Abstract With the advent of personalized cancer medicine, mutations in tumors can be paired with targeted therapies such as tyrosine kinase inhibitors (TKI). However, even the most potent TKI fail to eradicate all cancer cells. Subsequently, tumor-repopulating cells within minimal residual disease (MRD) contribute to patient relapse. The application of Abl-kinase inhibitors to the BCR/ABL oncoprotein in chronic myelogenous leukemia (CML) is a paradigm for personalized medicine. TKI therapy in CML leads to long lasting therapeutic benefit; however, MRD remains and can eventually evolve to blast crisis. Although the molecular mechanisms underlying the failure of TKI to eradicate CML MRD are not known, growth factor signals are suspected to replace the TKI- disabled oncoprotein survival signals. We have determined that c-Fos and Dusp1 are critical for growth-factor- mediated TKI resistance. Both genetic and chemical inhibition of Dusp1 and c-Fos render CML exquisitely sensitive to TKI, and cure a mouse model of CML. Overall, our published and preliminary data suggests that expression levels of c-Fos and Dusp1 determine the threshold of TKI efficacy during chronic CML disease. Extending this line of investigation, the proposed research will determine whether c-Fos and Dusp1 are necessary and sufficient for the evolution of CML to blast crisis, and whether c-Fos and Dusp1 levels determine response to TKI in blast crisis. Next, we hypothesize that Fos and Dusp1 signals converge upon oncogenically-activated enhancers. We propose that Fos-Jun AP-1 complexes facilitate oncogenically active enhancers, while in the absence of c-Fos and Dusp1 signals, Jun-JunD AP-1 complexes predominate but do not support tumor maintenance. Specifically, we will molecularly link c-Fos-Jun AP-1 and Dusp1 activity to global enhancer chromatin dynamics. Moreover, we will exploit chromatin-embedded target-gene-reporter alleles to provide a detailed analysis of functionally-relevant downstream genes at a single-cell level in primary CML cells. The proposed work is expected to delineate the necessity of c-Fos and Dusp1 in CML-blast-crisis TKI sensitivity, as well as to provide deep molecular insight into the mechanisms underlying blast crisis and cytokine-mediated TKI resistance. We expect that this information will be informative not only for CML and blast crisis, but also the broad group of tyrosine-kinase oncoprotein-driven tumors that are not cured by TKI.

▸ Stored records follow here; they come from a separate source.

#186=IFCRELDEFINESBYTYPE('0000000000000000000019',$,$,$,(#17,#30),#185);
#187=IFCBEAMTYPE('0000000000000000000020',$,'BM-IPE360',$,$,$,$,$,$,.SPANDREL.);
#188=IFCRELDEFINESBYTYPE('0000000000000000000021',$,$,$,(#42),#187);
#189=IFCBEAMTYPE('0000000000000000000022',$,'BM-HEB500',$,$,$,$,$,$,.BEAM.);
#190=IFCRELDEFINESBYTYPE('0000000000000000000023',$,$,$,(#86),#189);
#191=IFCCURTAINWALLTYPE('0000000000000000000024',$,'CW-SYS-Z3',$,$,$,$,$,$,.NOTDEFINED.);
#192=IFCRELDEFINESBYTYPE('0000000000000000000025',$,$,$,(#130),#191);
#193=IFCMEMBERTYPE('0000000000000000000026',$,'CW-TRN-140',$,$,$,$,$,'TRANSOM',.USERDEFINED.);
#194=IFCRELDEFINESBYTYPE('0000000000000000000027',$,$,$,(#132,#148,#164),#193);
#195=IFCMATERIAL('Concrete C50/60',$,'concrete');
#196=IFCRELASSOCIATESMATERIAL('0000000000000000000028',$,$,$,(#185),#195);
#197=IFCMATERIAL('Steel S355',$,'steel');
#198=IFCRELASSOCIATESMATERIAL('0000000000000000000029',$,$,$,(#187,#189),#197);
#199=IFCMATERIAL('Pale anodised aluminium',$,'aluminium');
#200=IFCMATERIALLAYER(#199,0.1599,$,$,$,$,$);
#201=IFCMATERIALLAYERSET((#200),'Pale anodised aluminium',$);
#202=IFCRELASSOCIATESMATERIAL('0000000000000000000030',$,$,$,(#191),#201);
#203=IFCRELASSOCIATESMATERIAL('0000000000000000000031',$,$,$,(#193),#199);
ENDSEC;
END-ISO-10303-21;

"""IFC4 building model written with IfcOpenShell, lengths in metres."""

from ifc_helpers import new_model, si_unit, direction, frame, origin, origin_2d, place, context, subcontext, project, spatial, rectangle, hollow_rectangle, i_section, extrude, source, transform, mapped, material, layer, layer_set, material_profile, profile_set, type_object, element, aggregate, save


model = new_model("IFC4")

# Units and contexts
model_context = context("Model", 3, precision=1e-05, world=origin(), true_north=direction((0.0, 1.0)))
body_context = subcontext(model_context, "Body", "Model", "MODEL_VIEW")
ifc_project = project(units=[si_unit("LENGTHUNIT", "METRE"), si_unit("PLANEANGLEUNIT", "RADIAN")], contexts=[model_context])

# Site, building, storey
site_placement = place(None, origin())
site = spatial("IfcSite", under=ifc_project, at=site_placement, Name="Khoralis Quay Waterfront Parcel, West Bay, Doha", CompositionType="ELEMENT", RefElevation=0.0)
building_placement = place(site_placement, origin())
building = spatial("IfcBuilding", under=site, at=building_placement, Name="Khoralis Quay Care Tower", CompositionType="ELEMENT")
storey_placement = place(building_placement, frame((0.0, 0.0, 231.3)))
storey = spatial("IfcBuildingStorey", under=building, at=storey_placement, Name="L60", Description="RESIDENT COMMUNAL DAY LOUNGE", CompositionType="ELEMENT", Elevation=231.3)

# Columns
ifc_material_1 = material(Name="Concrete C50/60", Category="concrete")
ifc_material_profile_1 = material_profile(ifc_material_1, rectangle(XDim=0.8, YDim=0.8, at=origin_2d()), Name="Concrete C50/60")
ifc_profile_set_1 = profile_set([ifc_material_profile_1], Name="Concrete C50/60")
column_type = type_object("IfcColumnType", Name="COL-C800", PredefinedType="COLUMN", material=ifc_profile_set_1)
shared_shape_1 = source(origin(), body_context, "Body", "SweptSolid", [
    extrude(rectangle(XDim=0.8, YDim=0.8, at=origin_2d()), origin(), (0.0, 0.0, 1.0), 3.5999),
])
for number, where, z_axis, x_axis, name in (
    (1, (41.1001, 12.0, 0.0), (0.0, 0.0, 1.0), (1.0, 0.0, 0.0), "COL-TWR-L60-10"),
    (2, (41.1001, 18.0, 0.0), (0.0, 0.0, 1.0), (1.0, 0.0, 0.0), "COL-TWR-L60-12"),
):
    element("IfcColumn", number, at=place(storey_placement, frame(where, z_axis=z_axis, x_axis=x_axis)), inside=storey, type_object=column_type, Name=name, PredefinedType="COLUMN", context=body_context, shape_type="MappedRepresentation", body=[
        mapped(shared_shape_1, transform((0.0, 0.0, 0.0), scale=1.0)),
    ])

抽象的随着个性化癌症医学的出现，肿瘤突变可以与靶向治疗相结合例如酪氨酸激酶抑制剂（TKI）。然而，即使是最有效的 TKI 也无法根除所有癌细胞。随后，微小残留病（MRD）内的肿瘤再生细胞导致患者复发。 Abl激酶抑制剂针对BCR/ABL癌蛋白在慢性粒细胞白血病（CML）中的应用个性化医疗的典范。 CML 的 TKI 治疗可带来持久的治疗效果；然而， MRD 仍然存在，并最终可能演变成爆炸性危机。尽管其背后的分子机制 TKI 未能根除 CML MRD 尚不清楚，生长因子信号被怀疑取代了 TKI- 禁用癌蛋白生存信号。我们已经确定 c-Fos 和 Dusp1 对于生长因子至关重要- 介导的 TKI 耐药。 Dusp1 和 c-Fos 的遗传和化学抑制使 CML 完美呈现对 TKI 敏感，并治愈 CML 小鼠模型。总体而言，我们发布的初步数据表明 c-Fos 和 Dusp1 的表达水平决定了慢性 CML 疾病期间 TKI 疗效的阈值。扩展这一研究方向，拟议的研究将确定 c-Fos 和 Dusp1 是否是 CML 爆发危机的必要和充分条件，以及 c-Fos 和 Dusp1 水平是否水平确定爆炸危机中对 TKI 的反应。接下来，我们假设 Fos 和 Dusp1 信号收敛于致癌激活增强剂。我们建议 Fos-Jun AP-1 复合物促进致癌活性增强子，而在没有 c-Fos 和 Dusp1 信号的情况下，Jun-JunD AP-1 复合物占主导地位，但确实不支持肿瘤维持。具体来说，我们将在分子上将 c-Fos-Jun AP-1 和 Dusp1 活性与全局增强子染色质动力学。此外，我们将利用染色质嵌入的目标基因报告基因等位基因，以在原代细胞中的单细胞水平上提供功能相关下游基因的详细分析慢性粒细胞白血病细胞。拟议的工作预计将描述 c-Fos 和 Dusp1 在 CML 急变危机中的必要性 TKI 敏感性，以及提供对爆炸危机和潜在机制的深入分子洞察细胞因子介导的 TKI 耐药。我们希望这些信息不仅能为 CML 提供信息，急变，还包括酪氨酸激酶癌蛋白驱动的、TKI 无法治愈的广泛肿瘤。